Relationships take a long time to build, but the feeling of falling in love happens in less than a minute. We review some scientific studies that prove it
Falling in love, that crucial event in life that probably happens less than you would like, can last an instant or years. All of the above, counting daisy petals and all that, that's what's really difficult, because you know perfectly well when you are in love when you can't get away from that person and every time you separate, you can't wait to see him or her again.
Now, not all romances begin in the fastest and most passionate way; some are simmering, in the distance or for many years. There are even some that return after a while. And also, those that perhaps less so, arise in a more rational way, without being entirely sure at the beginning. And it is precisely these that can generate a kind of anxiety, since one of the two tends to give more than the other, and then the nerves arise.
“Falling in love is a complex and multidimensional experience, in which there is a combination of physiological, psychological and social factors.”
Normally, relationships always start with “I love you.” These are the magic words that set in motion what we might consider as an official couple relationship. According to a 2016 survey, people on average wait 144 days or five months to say it. The curious thing is that there are variations in terms of gender: according to a study published in the Journal of Personality and Social Psychology, men took much less time (97 days) than women (139 days), which means that women are more cautious than men when it comes to securing a partner relationship.
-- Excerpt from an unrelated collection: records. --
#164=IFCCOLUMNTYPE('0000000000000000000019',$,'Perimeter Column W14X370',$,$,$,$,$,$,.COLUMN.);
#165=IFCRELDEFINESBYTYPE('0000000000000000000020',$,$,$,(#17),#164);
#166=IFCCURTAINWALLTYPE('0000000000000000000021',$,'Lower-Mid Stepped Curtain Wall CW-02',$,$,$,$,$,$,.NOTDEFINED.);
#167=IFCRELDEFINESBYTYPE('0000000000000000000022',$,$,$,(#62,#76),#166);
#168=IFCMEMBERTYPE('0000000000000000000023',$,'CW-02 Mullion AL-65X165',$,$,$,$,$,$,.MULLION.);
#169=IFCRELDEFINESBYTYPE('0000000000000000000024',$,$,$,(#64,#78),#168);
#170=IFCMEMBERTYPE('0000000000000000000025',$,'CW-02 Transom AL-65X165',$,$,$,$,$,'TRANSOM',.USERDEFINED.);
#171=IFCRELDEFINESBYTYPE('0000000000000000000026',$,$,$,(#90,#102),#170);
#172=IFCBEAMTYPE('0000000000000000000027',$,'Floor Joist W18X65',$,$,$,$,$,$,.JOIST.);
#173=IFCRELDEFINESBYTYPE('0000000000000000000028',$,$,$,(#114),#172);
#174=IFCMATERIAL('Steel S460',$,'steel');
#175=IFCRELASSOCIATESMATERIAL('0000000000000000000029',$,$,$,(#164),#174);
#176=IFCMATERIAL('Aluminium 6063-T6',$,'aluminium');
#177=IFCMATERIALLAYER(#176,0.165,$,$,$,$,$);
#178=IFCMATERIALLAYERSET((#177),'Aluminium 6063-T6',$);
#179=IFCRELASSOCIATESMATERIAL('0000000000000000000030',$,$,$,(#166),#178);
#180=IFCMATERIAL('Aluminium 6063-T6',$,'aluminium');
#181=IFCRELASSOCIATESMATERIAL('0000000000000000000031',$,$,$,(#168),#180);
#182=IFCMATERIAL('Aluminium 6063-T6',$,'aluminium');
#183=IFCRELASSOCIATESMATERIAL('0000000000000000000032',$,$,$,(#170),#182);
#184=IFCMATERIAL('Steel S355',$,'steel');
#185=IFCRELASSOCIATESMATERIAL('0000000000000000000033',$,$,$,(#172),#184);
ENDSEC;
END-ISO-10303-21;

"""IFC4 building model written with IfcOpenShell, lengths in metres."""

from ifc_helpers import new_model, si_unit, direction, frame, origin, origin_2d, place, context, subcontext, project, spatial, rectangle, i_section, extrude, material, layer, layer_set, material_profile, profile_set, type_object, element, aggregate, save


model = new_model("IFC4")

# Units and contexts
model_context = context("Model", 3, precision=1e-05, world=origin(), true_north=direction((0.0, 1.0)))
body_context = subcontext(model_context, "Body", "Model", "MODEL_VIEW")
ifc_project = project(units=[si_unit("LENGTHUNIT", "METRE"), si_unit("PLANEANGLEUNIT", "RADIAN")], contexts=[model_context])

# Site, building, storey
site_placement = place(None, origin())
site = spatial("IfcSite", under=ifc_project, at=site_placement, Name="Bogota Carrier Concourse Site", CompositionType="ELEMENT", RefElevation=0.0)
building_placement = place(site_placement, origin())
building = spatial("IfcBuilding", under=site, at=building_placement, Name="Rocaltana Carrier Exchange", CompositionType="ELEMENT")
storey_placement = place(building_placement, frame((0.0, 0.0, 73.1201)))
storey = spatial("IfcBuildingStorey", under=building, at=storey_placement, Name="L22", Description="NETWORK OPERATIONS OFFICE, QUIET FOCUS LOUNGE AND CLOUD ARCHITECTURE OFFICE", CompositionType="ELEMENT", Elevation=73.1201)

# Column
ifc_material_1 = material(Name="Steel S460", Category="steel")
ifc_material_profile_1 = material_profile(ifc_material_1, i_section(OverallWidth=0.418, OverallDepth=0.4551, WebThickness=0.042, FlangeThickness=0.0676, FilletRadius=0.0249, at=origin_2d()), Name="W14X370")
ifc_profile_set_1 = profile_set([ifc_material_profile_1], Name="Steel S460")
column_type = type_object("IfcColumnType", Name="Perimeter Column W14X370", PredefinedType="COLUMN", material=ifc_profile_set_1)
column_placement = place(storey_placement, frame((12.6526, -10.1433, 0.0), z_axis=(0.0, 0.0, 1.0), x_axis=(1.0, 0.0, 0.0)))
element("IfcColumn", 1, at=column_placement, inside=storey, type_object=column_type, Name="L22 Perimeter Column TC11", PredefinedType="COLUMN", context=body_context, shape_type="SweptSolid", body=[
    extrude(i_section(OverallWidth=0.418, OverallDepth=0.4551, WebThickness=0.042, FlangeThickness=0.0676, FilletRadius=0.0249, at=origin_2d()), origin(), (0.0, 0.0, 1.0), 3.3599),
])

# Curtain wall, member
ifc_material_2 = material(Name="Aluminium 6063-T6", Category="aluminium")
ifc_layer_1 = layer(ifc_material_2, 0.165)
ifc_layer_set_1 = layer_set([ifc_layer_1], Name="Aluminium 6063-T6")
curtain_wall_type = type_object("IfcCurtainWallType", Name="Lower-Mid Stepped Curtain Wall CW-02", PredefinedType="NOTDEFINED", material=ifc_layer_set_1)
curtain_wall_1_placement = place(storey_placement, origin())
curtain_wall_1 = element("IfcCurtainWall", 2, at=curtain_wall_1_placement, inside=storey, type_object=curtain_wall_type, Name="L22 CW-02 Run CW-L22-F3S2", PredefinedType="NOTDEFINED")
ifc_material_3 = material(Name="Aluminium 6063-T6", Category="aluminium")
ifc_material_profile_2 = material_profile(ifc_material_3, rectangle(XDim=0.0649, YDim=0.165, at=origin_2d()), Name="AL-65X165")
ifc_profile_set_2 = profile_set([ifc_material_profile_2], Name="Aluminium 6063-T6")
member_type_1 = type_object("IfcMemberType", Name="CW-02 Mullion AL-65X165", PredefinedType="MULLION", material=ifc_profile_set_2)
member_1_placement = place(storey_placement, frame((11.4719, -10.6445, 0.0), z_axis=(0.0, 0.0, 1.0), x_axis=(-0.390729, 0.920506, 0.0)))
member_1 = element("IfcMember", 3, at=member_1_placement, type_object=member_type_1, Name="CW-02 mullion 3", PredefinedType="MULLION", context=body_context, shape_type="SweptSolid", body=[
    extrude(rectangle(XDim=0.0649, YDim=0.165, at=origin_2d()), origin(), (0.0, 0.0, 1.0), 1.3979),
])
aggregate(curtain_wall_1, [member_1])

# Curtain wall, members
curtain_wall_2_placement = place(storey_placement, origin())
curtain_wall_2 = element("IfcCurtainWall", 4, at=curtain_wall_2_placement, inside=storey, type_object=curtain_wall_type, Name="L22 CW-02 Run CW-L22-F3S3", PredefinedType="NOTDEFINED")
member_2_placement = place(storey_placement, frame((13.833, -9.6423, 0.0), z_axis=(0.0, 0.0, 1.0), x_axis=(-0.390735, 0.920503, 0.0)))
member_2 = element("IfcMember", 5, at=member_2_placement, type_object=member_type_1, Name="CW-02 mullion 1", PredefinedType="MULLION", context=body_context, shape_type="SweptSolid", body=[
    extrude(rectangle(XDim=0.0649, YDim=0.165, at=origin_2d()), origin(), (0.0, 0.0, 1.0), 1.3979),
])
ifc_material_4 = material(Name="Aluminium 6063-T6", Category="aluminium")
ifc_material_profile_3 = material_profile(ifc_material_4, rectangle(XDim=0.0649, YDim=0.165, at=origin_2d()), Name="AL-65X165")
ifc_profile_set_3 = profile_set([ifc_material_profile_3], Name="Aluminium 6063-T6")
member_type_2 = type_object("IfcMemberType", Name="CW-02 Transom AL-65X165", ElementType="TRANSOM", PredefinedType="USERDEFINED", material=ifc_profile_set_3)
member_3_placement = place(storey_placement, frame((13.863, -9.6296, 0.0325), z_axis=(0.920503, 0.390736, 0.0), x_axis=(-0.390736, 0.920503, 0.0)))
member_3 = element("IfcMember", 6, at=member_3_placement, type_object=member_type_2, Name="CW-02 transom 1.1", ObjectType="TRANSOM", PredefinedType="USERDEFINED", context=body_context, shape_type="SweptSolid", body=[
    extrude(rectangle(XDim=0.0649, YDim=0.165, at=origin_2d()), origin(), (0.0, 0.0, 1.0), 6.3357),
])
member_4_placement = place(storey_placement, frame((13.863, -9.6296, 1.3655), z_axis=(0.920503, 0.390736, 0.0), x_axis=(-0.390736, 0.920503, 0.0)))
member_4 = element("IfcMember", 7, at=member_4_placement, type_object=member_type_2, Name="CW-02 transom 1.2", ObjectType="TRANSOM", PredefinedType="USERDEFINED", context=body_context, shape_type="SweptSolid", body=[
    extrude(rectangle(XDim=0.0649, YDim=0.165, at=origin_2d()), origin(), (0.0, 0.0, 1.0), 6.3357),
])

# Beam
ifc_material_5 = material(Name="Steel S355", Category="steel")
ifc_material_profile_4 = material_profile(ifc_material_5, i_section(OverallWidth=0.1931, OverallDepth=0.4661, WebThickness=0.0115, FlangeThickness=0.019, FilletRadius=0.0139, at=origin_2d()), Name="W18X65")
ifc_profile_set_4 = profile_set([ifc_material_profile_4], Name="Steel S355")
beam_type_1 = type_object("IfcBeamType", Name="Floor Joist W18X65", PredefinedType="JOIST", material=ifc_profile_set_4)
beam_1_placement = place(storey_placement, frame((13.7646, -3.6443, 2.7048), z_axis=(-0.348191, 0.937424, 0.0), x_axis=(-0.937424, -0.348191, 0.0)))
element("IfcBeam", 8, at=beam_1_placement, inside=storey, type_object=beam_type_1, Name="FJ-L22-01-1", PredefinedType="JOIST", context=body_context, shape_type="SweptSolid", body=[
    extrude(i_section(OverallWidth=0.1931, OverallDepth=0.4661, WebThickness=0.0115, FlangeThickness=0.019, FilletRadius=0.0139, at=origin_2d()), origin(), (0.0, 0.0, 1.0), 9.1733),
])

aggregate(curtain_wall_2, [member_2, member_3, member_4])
The physical effects of falling in love
It is one thing to recognize it and quite another to feel it. How long do we go from friendship or a feeling of affiliation to falling in love? According to a meta-analysis published in the Journal of Sexual Medicine, falling in love lasts only one fifth of a second, during which time there are 12 different areas of the brain that work simultaneously to release chemicals such as dopamine, oxytocin or adrenaline that cause “euphoric” feelings.
This could be the scientific and physiological basis of love, which generates some stress, even if it is positive or pleasurable. “It is important to understand that falling in love is a complex and multidimensional experience, in which there is a combination of physiological, psychological and social factors,” asserts LaTonya P. Washington, a sexologist and couples therapist, in a recent article in Best Life magazine that has collected these studies. “Given these factors, it's impossible to pin down an exact timeline for how long it takes the average person to fall in love.”
According to her, it depends on the circumstances in which it arises. “For example, one study found that those who meet online tend to fall in love faster than those who met through more traditional means, such as being friends or co-workers,” she says. Clearly, “personal experiences and individual beliefs influence how people view the process of falling in love. If someone has had a negative or traumatic experience in a previous relationship, they may be more skeptical or cautious about hooking up with another in the future.”
“Building a healthy, strong relationship requires continuous effort and reciprocal dedication.”
Be that as it may, everyone has their own timelines, which is why you shouldn't set fixed expectations. “It's important to remember that the timing of falling in love can vary by individual and relationship,” weighs Kerry Lauders, a couples therapist. “Some people may take very little time to forge an emotional bond, while others much longer. In addition, the amount of time two people have to get to know each other and build trust can also affect that timeline for falling in love.”
Finally, it should be noted, as Washington cautions, that building a healthy, long-term relationship is not the same as falling in love. “While the process of falling in love can be exciting and very exhilarating, that's only the first step in a longer journey,” she stresses. “Building a healthy and strong relationship requires continuous effort and reciprocal dedication.” Therefore, don't rush, but continually communicate with each other to see what they are feeling as time goes on.